Mohs Surgery and Skin Cancer Removal

One of dermatology’s most precise surgical techniques is Mohs micrographic surgery, used primarily for skin cancers with a high risk of recurrence or those located in areas where preserving healthy tissue matters most: the face, ears, eyelids, nose, lips, hands, feet, and genitals. The procedure is performed in stages while the patient waits.

First, the visible tumor is outlined and removed. Then a thin layer of surrounding tissue is taken at a 45-degree angle, divided into sections, color-coded, and mapped. That tissue is frozen, sliced horizontally, and examined under a microscope so that virtually 100% of the outer and deep margins can be checked for remaining cancer cells. If any cancer remains, the map tells the surgeon exactly where to go back and remove more. This cycle repeats until the margins are clear, then the wound is closed with stitches, a skin flap, or a graft. The result is complete tumor removal with the smallest possible loss of healthy skin.

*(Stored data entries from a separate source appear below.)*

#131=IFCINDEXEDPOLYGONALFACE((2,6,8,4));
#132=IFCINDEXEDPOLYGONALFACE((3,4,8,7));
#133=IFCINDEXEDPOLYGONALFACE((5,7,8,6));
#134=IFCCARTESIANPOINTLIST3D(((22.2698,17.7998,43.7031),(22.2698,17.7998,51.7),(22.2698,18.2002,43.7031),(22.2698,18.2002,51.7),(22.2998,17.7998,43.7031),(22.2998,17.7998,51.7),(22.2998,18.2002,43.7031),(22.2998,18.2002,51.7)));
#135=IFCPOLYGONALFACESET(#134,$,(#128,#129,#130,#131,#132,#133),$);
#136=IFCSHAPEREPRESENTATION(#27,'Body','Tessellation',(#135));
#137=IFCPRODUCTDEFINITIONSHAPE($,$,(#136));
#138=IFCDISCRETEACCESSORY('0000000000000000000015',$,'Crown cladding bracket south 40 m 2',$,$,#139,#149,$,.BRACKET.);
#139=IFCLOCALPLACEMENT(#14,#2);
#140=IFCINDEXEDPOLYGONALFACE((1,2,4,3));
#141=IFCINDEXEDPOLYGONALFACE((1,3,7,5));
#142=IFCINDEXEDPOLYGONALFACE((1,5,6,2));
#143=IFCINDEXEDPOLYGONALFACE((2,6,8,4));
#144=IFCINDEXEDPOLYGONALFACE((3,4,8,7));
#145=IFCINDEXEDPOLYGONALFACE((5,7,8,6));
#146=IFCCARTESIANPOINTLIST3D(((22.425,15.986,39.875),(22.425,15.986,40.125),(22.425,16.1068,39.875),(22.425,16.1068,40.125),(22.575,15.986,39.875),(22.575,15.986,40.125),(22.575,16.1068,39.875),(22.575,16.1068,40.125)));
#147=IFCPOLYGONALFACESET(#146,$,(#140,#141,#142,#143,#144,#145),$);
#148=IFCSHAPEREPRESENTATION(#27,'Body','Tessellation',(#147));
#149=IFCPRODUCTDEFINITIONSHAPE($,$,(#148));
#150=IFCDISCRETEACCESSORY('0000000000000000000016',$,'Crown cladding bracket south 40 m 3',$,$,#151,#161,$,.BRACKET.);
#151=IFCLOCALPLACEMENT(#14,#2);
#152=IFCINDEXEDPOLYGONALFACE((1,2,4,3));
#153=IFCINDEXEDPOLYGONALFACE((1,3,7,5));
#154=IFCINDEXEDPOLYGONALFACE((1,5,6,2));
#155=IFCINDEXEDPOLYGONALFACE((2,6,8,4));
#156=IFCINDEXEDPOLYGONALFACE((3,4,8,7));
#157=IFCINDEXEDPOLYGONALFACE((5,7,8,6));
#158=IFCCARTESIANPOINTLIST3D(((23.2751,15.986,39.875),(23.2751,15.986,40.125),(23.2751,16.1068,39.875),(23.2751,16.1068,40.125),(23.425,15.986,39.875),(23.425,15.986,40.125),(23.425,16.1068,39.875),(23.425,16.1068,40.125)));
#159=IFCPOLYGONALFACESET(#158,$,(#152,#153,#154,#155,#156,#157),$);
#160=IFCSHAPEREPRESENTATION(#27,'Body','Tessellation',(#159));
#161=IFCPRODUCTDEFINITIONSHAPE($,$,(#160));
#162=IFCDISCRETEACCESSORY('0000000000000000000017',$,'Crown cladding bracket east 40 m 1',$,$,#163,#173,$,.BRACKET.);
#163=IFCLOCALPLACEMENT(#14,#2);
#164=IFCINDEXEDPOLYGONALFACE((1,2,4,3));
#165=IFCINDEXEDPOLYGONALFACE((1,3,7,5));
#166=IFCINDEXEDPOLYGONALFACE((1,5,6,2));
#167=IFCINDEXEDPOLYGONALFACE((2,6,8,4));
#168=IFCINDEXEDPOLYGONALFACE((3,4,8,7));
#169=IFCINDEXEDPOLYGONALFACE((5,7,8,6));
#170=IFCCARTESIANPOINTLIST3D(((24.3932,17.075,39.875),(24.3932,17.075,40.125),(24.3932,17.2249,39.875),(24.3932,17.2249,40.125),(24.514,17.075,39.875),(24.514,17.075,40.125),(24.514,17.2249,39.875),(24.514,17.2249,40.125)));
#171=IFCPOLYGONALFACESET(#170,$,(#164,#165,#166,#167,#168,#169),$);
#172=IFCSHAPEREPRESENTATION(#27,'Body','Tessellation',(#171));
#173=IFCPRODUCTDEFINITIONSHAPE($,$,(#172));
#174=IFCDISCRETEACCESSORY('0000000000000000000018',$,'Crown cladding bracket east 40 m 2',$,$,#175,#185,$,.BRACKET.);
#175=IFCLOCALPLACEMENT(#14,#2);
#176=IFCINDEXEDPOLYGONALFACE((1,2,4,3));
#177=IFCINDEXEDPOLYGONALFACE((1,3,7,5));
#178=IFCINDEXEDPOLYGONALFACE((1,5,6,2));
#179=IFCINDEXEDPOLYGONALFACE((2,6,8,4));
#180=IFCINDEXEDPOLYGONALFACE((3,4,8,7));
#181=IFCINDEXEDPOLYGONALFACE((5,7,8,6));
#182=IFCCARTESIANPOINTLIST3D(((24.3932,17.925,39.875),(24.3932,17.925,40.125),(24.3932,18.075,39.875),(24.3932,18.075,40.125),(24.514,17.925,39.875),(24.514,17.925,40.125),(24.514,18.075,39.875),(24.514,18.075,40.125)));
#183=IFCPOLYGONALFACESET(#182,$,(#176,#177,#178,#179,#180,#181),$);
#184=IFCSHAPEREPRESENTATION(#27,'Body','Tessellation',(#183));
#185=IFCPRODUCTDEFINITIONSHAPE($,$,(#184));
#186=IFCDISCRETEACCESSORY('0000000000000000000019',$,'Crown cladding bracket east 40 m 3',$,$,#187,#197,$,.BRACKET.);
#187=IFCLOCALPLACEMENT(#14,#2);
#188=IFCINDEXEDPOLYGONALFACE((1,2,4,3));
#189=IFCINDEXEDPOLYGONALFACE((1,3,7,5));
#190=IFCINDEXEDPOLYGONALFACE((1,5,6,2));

How to Become a Dermatologist

Becoming a board-certified dermatologist requires a minimum of 12 years of education and training after high school. That includes four years of college, four years of medical school, and four years of postgraduate training. The first postgraduate year is a clinical internship in a field like internal medicine, surgery, pediatrics, or emergency medicine. The remaining three years are spent in a dermatology-specific residency program accredited by the Accreditation Council for Graduate Medical Education (ACGME).

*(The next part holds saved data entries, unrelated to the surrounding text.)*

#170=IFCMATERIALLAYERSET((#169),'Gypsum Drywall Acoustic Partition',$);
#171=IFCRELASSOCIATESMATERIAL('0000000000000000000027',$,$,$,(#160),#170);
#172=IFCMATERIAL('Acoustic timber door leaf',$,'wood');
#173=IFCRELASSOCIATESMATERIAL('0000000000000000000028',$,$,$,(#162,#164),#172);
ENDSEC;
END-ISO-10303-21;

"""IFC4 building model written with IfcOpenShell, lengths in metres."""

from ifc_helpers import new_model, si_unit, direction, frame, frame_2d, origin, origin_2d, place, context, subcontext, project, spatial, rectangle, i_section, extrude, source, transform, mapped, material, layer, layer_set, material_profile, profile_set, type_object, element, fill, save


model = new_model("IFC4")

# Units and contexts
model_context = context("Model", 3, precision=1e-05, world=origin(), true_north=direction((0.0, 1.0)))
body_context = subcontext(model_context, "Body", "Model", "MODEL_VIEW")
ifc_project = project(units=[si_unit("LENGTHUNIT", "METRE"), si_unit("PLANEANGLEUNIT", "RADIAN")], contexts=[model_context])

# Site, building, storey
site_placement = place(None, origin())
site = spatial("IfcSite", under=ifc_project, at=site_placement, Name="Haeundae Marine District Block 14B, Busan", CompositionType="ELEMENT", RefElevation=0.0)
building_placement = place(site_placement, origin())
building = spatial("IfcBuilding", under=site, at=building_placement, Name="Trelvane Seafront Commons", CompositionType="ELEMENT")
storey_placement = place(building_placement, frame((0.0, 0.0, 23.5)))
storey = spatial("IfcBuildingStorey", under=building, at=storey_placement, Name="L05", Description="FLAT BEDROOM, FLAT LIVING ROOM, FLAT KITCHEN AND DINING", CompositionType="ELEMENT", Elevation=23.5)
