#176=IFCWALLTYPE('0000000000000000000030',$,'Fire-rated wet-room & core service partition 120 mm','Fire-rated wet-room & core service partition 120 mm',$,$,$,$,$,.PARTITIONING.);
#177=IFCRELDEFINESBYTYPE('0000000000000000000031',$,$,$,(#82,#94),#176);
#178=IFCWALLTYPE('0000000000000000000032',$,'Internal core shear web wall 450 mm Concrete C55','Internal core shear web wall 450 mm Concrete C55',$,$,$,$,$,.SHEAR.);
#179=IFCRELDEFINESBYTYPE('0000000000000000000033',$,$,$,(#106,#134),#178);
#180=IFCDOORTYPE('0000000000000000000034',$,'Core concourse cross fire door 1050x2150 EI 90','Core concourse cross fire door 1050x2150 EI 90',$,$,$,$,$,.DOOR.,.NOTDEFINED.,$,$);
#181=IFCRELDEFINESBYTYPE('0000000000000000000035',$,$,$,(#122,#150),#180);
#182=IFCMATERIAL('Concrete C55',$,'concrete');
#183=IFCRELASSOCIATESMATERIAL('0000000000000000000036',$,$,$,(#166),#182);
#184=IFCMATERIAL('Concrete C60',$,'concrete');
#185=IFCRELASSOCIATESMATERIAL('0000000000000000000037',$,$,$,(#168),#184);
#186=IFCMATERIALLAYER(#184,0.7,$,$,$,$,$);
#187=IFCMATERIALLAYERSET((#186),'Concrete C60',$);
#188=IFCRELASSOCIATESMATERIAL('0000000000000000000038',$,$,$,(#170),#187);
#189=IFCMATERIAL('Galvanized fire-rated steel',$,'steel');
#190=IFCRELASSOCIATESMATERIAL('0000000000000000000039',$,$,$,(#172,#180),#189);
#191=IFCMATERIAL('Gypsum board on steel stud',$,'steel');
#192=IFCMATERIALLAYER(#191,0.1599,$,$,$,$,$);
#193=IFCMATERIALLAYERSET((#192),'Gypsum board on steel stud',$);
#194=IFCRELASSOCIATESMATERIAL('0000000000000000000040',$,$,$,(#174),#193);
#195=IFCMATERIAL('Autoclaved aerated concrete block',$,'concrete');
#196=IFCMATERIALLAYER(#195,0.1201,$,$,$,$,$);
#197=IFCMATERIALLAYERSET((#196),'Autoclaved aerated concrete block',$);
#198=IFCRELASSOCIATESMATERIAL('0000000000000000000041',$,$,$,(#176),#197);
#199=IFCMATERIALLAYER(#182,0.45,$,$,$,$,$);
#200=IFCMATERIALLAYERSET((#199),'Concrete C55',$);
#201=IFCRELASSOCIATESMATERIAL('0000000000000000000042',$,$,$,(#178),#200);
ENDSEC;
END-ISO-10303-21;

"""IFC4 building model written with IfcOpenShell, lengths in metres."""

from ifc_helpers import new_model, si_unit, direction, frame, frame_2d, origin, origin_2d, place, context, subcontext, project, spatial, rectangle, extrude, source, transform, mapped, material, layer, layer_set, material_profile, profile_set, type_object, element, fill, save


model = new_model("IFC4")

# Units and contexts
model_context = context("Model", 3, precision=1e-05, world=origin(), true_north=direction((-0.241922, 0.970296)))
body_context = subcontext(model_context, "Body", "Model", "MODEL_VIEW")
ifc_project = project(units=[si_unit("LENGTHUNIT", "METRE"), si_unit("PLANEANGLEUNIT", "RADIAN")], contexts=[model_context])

Dermatology residencies are among the most competitive in medicine. After completing training, physicians sit for a certification exam administered by the American Board of Dermatology, whose stated mission is to set high standards for dermatologists to earn and maintain board certification.

Recognized Subspecialties

After completing a general dermatology residency, some dermatologists pursue additional fellowship training in one of three ACGME-accredited subspecialties:

  • Dermatopathology: The microscopic study of skin tissue samples, combining expertise in both dermatology and pathology to diagnose diseases at the cellular level.
  • Micrographic Surgery and Dermatologic Oncology: Advanced training in Mohs surgery and the management of skin cancers. Starting in 2026, all dermatologists must complete an accredited fellowship in this area before taking the subspecialty certification exam.
  • Pediatric Dermatology: Focused on skin conditions unique to or common in infants, children, and adolescents, including birthmarks, genetic skin disorders, and childhood eczema.

Medical vs. Cosmetic Dermatology

The simplest way to understand the split: medical dermatology aims to cure disease and protect skin health, while cosmetic dermatology aims to improve appearance. A medical dermatologist is who you see for a suspicious mole, a painful rash, or a skin infection. A cosmetic dermatologist is who you see for wrinkle-reducing injectables, laser treatments to fade acne scars or spider veins, or guidance on anti-aging skincare products.

In practice, the line blurs frequently. Treating severe acne is medical dermatology, but addressing the scars it leaves behind is often cosmetic. Many dermatologists offer both, and the training is the same. The distinction matters most for insurance: medical dermatology visits are typically covered, while cosmetic procedures generally are not.